I would like to add that the fact this amendment has been proposed is very worrying. The amendment suggests that workplace fights are not uncommon occurrences today. Is workplace safety and security no longer a given in Singapore? Are our workers now more vulnerable to work-related fights? We hope that the MOM intends to address this problem beyond capping employer liabilities. I notice that the banners of the WSH Nation campaign are lining our streets. And I observe that thousands of our workers have gone online to create their 3D WSH Citizen (I am citizen No. 3005). Each citizen has an audio that says quote, “I pledge to end all risks at work”, unquote. The risks should also include work-related fights. Excluding compensation for injuries due to fights will only make workers more anxious of this particular risk. It is not an effective deterrent if it is meant to be one. I ask that the MOM take a more positive approach to tackling this problem.

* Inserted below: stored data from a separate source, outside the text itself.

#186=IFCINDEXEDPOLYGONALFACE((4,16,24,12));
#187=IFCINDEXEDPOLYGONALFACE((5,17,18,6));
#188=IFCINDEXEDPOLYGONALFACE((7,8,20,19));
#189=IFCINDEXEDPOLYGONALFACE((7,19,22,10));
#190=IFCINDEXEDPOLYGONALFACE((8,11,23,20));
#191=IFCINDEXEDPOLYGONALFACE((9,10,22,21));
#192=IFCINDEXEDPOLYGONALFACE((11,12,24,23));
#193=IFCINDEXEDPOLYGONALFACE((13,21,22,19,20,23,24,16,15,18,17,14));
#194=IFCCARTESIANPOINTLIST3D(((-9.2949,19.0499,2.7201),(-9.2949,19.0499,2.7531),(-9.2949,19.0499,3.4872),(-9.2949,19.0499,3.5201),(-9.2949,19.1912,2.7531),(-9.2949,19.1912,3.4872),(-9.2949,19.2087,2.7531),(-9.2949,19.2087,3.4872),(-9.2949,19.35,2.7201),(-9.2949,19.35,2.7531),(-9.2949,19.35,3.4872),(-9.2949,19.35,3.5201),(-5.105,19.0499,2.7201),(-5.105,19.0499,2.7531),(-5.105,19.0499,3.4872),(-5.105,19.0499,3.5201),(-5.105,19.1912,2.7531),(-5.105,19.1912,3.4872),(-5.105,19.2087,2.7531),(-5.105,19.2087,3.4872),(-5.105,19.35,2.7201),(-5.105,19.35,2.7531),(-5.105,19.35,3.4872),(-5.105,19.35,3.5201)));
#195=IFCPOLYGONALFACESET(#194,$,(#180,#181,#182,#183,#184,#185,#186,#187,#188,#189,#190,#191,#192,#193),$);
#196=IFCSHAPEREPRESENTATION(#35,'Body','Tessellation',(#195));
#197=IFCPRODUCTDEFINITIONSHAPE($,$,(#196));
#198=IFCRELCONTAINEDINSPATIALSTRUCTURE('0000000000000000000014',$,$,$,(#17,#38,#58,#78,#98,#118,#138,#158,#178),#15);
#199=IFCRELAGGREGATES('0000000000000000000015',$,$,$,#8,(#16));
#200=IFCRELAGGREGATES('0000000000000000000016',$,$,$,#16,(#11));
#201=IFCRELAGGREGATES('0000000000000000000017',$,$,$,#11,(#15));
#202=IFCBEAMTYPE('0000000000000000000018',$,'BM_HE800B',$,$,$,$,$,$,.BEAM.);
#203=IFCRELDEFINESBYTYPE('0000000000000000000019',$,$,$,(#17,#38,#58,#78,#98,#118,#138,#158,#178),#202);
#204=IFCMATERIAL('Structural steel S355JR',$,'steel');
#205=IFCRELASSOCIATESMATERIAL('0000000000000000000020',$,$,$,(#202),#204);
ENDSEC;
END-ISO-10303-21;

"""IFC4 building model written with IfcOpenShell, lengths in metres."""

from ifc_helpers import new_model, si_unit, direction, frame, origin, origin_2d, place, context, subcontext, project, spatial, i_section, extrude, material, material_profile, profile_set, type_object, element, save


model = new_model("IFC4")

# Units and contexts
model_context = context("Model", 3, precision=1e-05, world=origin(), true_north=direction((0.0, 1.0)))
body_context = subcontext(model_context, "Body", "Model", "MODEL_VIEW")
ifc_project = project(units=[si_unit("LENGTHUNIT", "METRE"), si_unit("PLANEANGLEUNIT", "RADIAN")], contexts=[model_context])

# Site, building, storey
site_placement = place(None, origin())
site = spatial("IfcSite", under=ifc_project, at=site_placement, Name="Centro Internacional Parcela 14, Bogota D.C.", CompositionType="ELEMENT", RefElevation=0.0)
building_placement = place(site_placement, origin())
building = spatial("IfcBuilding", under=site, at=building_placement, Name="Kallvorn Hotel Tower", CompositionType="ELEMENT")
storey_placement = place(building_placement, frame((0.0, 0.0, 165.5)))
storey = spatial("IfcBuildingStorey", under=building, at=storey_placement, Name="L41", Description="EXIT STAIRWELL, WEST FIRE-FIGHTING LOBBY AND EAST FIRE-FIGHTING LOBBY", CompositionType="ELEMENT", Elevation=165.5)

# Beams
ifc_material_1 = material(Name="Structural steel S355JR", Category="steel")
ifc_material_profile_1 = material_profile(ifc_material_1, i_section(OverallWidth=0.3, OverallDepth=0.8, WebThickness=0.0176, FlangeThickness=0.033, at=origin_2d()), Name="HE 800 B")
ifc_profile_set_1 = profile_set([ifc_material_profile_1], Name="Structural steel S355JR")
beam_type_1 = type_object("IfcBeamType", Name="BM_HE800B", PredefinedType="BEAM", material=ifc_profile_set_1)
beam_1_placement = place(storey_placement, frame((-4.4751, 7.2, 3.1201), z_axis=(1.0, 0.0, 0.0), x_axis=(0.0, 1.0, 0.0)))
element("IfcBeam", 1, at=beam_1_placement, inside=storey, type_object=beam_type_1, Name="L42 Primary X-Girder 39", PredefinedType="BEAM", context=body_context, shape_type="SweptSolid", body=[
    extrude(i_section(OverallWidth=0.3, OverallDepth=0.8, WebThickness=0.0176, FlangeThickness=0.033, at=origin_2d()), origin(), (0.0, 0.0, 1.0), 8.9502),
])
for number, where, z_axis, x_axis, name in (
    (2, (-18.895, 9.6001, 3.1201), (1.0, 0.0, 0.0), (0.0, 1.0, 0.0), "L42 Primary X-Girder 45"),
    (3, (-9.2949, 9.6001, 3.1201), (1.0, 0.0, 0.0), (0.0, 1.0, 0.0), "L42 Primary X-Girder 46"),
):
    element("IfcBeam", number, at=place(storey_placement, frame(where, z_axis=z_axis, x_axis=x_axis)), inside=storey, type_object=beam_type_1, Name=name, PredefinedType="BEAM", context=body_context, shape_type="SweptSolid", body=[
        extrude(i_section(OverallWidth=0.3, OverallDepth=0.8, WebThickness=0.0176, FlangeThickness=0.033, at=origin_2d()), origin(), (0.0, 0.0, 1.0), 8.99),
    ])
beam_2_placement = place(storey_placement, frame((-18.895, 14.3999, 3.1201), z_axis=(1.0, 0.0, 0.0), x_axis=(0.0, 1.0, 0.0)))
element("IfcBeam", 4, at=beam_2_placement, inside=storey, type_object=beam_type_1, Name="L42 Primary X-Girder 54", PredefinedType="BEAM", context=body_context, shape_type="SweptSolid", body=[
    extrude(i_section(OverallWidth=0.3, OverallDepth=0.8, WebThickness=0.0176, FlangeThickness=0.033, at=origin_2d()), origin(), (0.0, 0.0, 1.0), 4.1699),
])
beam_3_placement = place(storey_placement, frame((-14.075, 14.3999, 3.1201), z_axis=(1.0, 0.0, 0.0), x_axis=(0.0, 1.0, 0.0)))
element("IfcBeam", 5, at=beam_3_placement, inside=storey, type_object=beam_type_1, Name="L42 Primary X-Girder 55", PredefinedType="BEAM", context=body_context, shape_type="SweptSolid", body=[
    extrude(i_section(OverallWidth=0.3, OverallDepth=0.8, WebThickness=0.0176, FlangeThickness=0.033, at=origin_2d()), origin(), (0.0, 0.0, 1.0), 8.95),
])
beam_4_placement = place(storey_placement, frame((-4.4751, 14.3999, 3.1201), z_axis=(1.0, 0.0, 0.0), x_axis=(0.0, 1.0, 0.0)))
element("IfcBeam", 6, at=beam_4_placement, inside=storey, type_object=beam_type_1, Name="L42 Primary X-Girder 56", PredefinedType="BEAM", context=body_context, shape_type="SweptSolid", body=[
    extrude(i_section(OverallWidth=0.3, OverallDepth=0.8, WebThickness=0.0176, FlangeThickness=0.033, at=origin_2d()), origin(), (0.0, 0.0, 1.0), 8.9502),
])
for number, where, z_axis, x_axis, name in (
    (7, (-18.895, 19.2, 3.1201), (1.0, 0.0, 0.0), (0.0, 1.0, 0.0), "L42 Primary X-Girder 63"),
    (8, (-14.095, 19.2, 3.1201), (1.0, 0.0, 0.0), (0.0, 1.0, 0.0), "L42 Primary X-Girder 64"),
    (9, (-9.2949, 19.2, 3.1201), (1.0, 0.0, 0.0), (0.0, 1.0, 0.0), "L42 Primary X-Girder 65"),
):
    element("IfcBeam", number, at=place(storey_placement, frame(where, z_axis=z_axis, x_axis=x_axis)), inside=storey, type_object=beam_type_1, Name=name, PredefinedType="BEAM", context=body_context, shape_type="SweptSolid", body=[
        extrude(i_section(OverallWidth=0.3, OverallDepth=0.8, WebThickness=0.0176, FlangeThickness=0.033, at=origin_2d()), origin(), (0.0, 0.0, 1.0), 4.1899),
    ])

Moving on to the next change, I support the expansion in coverage for occupational diseases that the amendment of Section 4 brings.However, the limitation period for exposure to chemical and biological agents needs to be made equivalent to other occupational diseases. The start of the limitation period should be, quote, “no longer employed in the occupation”, unquote, rather than, quote, “ceases to be exposed”, unquote. The limitation period for exposure to chemical and biological agents should be 3 years, given that some Second Schedule diseases have 3 years limitation periods.

Separately, the MOM is conducting a review on the limitation periods of occupational diseases to better align them with the actual disease development timeframe. What is the progress of the review? This should be a matter of urgency since more workers will be compromised by the current common standard of 1-year limitation period with the delay of the review.

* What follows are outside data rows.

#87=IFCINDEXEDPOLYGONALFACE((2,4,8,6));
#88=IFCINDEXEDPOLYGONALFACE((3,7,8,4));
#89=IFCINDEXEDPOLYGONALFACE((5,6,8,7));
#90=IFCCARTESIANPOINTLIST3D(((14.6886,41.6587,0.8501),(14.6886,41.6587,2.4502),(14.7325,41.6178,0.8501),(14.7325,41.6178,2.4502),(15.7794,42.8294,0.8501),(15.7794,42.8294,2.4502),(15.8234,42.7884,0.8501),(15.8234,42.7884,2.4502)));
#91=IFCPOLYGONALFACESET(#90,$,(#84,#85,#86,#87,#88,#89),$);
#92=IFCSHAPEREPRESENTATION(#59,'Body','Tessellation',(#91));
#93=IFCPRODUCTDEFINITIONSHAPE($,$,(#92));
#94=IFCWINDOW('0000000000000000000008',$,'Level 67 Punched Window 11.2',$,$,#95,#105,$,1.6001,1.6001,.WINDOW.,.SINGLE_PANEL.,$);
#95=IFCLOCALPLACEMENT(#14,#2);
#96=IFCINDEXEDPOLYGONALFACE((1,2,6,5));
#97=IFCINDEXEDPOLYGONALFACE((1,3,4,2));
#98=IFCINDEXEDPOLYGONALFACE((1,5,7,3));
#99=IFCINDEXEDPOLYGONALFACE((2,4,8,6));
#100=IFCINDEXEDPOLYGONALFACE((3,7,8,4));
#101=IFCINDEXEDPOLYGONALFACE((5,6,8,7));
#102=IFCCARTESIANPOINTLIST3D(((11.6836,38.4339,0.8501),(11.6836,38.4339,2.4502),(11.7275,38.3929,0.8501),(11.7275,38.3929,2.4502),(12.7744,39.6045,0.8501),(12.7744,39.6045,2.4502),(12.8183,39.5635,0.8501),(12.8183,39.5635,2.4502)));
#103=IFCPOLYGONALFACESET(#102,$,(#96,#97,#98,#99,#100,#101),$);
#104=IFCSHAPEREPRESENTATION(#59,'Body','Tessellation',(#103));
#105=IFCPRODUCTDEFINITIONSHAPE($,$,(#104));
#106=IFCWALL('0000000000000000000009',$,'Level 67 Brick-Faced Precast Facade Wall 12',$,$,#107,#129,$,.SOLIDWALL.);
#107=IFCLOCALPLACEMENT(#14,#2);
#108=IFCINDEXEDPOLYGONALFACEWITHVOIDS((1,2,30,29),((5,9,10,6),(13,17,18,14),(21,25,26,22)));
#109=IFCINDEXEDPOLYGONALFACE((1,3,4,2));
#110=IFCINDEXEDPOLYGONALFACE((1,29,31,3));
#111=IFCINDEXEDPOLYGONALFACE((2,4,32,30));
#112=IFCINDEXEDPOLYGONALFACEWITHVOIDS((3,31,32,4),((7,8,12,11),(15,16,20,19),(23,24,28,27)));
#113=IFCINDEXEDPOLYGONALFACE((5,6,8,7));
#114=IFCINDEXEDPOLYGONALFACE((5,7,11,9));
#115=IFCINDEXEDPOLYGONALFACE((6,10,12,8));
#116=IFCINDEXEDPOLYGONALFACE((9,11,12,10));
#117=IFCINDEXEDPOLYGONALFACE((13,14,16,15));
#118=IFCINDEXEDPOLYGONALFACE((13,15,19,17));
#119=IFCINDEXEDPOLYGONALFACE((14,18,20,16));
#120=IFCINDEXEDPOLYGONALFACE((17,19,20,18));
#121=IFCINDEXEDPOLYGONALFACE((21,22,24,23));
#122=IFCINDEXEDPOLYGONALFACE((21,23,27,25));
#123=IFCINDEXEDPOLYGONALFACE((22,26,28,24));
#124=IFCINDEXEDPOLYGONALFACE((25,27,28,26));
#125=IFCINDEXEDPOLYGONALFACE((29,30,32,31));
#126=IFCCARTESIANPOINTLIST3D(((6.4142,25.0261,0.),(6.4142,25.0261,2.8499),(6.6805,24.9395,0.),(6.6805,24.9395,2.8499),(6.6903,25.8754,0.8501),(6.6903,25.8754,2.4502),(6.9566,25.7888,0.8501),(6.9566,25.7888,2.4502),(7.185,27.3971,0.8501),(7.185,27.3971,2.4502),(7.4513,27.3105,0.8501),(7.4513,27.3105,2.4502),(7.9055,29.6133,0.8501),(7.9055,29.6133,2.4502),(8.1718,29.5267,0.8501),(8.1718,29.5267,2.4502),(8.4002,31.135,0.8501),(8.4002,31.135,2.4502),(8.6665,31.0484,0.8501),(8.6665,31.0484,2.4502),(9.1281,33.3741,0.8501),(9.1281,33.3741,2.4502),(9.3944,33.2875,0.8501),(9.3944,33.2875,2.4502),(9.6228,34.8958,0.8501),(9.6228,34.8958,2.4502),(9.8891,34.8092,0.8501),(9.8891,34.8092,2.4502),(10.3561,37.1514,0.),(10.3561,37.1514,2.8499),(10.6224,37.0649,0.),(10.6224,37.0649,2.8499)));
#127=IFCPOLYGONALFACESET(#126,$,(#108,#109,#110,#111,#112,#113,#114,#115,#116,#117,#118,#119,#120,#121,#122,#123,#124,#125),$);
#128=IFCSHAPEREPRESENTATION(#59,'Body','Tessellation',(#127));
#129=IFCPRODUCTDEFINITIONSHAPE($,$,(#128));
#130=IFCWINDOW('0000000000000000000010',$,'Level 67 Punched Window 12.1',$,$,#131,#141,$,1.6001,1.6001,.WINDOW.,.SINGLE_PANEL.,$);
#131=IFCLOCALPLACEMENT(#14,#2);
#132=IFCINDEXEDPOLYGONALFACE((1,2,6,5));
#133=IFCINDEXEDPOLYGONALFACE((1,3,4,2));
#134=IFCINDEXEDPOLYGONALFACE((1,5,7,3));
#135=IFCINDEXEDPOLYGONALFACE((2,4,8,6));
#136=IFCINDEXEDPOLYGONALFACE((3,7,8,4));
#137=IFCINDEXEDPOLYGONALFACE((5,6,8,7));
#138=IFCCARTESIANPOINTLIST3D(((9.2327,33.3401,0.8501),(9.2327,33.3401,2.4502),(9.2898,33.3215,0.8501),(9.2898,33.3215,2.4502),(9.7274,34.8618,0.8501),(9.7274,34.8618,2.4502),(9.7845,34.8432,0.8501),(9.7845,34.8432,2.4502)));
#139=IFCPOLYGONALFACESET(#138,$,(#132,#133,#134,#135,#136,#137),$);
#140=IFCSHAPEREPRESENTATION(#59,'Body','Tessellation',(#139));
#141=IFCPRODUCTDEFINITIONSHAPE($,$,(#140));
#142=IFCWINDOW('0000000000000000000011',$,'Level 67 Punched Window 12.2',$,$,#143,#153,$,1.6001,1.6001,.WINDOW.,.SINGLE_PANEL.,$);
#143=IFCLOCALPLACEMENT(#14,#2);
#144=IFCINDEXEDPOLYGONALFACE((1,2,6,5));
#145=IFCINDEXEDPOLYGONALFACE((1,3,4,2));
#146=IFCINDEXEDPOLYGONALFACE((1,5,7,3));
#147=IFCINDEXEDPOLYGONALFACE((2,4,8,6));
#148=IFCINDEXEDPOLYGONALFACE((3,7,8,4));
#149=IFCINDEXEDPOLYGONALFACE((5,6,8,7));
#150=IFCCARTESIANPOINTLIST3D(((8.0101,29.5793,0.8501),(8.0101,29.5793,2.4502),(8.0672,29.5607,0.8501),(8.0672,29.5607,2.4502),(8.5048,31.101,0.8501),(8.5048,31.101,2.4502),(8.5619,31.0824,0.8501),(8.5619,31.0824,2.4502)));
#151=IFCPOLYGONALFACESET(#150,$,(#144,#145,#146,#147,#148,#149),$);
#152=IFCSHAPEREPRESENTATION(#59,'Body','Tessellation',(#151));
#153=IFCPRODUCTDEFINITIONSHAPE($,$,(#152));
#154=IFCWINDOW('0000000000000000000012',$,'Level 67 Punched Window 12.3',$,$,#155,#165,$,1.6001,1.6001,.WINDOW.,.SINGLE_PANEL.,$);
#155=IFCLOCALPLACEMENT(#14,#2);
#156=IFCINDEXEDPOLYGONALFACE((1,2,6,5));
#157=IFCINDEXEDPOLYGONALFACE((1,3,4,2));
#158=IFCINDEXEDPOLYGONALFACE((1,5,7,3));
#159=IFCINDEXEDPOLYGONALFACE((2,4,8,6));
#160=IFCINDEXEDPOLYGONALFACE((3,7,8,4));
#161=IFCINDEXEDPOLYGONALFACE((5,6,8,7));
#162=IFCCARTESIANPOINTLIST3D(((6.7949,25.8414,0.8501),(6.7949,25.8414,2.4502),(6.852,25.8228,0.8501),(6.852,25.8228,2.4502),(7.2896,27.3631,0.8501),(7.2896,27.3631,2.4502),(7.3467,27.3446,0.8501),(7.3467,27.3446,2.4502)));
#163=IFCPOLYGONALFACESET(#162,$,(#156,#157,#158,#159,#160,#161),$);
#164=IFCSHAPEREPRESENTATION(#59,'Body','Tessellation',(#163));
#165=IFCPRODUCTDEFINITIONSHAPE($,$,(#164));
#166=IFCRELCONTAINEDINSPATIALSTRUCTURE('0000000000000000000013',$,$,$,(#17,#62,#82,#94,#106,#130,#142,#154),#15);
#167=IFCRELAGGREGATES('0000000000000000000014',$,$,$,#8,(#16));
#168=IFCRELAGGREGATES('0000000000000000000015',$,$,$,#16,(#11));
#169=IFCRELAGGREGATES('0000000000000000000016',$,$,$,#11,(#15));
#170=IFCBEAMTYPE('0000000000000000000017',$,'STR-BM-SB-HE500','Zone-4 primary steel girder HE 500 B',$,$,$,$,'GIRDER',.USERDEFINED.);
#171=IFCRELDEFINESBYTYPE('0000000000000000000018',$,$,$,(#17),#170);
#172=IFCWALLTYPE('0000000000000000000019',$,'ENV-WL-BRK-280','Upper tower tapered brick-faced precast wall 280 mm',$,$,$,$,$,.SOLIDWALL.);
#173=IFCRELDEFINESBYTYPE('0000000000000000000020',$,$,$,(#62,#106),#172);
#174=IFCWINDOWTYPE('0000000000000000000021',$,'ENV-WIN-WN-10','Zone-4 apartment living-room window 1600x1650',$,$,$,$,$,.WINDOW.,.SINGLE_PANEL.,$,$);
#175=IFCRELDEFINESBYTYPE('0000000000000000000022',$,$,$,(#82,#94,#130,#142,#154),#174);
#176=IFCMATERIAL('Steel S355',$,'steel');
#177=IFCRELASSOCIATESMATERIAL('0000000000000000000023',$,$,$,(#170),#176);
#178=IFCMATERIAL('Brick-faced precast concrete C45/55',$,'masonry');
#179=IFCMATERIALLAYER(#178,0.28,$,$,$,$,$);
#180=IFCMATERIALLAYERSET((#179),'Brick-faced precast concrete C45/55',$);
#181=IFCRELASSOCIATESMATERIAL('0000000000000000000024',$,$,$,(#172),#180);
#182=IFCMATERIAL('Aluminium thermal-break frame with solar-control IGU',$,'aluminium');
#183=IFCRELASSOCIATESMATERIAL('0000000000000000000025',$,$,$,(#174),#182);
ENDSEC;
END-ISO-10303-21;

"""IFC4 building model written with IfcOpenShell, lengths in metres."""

My final point is on the Increase of WICA compensation limit in the Third Schedule. The MOM had agreed to this in the consultation paper. Could the Minister indicate when the new limits will be gazetted and when will they take effect?

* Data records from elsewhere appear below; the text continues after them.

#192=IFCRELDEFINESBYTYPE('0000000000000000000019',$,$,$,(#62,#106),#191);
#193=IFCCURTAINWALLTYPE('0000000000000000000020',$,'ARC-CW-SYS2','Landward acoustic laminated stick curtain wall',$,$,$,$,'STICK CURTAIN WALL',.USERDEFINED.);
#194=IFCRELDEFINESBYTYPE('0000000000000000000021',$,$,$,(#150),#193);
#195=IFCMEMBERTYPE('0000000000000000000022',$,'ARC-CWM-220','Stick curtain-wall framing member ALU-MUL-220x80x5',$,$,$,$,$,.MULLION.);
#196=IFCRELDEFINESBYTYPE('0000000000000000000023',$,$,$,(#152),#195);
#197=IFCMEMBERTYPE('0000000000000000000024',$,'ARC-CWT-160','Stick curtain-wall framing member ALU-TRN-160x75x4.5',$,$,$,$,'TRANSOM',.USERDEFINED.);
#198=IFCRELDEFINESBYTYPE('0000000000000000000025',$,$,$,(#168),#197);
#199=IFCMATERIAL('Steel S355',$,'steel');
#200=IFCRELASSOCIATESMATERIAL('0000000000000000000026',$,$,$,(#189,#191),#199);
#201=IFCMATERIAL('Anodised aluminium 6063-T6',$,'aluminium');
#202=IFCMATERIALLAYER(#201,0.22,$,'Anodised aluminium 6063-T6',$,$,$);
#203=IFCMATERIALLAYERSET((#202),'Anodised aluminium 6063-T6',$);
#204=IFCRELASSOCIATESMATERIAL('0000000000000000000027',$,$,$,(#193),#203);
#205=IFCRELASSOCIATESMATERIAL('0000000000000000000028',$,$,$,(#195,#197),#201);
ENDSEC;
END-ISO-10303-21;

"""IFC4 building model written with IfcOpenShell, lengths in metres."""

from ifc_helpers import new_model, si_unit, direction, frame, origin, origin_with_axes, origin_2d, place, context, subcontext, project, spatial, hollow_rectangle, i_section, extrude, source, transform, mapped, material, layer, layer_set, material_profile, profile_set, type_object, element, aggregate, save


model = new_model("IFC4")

In addition, in 2008, the Ministry Of Health has further increased the burden on injured workers when they removed hospital subsidies for industrial accidents. The removal is supposedly in line with the principle that it is the employer’s responsibility to ensure the safety and health of their employees at the work place, yet any WICA compensation limit puts a price cap on this principle and transfers the employer’s responsibility to the workers’ burden instead.

For foreigners on S-Pass and Work Permit, the employer is fully liable for all medical treatment costs, even above the WICA limit. This is not so for injured Singaporean workers. After claiming from WICA, they are still liable for their own medical expenses above the WICA limit. Injured Singaporean workers with medical expenses above the limit have two choices. One, give up the WICA claim and take the risk of suing the employer under common law. Or two, apply through the hospital’s medical social workers for further assistance on a case-by-case basis. Why make this policy that results in Singaporean workers being worse off than foreign workers? With the interests of Singaporeans in mind, I propose the removal of the medical claims cap in Section 5 of the Third Schedule.

Mr Speaker, to re-iterate, I would like to say that the bill adds much needed protection for workers who’ve been exposed to chemical and biological agents. However, it still requires tweaks to further the interests of workers. Thank you.